# Recessive red with white



## Print Tippler (May 18, 2011)

So i read that recessive red with white isn't really understood. I really like the look of it. I want to get a study line that look like red prints.

This is a bird which a friend bred from two black mottle tipplers i believe, might have been prints. All his mottles are almost fully white wings.
(his loft, his bird)









He gave me the offspring which is here









I just picked up this bird, and its matted up with a print. This bird is very similar to the first one, lighter red and alittle more mottling, but still very white.

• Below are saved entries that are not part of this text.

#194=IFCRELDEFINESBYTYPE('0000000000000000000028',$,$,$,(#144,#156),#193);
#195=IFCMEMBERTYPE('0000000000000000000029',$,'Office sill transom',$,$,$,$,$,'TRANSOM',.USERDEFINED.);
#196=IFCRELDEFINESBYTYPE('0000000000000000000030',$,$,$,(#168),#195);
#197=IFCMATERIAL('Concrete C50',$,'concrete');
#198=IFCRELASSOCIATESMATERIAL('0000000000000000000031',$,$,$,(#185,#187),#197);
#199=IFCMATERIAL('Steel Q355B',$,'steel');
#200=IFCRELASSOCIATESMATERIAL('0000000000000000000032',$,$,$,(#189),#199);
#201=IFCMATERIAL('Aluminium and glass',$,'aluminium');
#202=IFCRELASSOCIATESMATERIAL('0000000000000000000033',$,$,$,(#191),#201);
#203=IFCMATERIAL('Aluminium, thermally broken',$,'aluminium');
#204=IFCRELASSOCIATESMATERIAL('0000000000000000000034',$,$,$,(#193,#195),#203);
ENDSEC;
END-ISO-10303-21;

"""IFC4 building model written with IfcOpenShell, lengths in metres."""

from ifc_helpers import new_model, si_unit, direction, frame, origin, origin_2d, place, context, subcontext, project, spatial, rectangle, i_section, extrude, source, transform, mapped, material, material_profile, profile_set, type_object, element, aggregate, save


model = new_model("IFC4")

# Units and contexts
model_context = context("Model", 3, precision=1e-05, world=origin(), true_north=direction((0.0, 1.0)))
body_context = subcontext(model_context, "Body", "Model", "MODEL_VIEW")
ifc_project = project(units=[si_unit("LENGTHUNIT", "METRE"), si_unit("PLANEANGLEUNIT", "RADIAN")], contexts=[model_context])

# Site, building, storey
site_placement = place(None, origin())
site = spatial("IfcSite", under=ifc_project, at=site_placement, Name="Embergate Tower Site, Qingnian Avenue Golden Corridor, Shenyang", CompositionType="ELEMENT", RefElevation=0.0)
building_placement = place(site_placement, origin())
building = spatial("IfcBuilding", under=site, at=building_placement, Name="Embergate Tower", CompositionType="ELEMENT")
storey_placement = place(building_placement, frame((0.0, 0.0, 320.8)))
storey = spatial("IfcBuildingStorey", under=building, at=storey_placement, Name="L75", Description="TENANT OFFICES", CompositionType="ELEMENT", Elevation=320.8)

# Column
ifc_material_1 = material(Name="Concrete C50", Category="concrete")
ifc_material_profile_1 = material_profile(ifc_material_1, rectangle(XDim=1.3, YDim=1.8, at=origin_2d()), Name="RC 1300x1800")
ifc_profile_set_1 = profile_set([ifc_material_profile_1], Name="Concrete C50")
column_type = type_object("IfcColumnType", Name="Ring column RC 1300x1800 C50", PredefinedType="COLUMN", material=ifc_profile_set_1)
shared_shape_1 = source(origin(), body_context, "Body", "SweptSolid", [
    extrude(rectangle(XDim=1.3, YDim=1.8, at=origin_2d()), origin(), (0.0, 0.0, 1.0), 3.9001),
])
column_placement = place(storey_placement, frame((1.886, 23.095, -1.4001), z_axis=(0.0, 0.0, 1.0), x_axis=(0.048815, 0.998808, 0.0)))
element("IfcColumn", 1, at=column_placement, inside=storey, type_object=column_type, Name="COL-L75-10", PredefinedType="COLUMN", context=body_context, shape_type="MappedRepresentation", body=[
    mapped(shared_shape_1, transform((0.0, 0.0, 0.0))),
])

Here is another mottle which i picked up which is mainly red. I also have another one of these with a bit less white.
*cant remember what this was*



So how should i go about trying to get more birds like the 1st and 3rd? Since i already have RR on white, and white on RR should it be easy to get more. Im looking for a bird with a rich red head, with good coverage, with red flights and tail, and if possible solid white wings, or at least very limiting mottling.


----------



## Henk69 (Feb 25, 2010)

Not relevant but could not resist posting these


----------



## Print Tippler (May 18, 2011)

Thats a nice looking bird, what breed is that? tippler? Is that red or a brown? Would like a full head like that. But would like it to stop at the neck and pick up at the tail, want a white rump also and of course red flights. Ugh I wish my friend didnt love that bird in the first picture so much, tried hard to get it. It would really help with this. the offspring looks more classic grizzle.


----------



## egpigeon (Jan 15, 2008)

Nice looking birds with wonderful colors and funny shots (the chickens also are very nice)


----------



## Tiplets (Aug 24, 2011)

They are called Magpies


----------



## Henk69 (Feb 25, 2010)

So you want nun markings? colored head, colored flights (white wingshield), colored tail

The magpie is recessive red.


----------



## Print Tippler (May 18, 2011)

Yes, pretty much the nun look, maybe some white mixed in on the head though. More of a print with a colorful head

Print: In any color should be full tipped with its specific color on all primaries, secondaries and tail feathers. May have a self or barred tail. Flecking, grizzling, ticking is allowed on the head, neck, and breast. The wing shields, back, rump, and belly should be white, free of any color for purposes of color points.


----------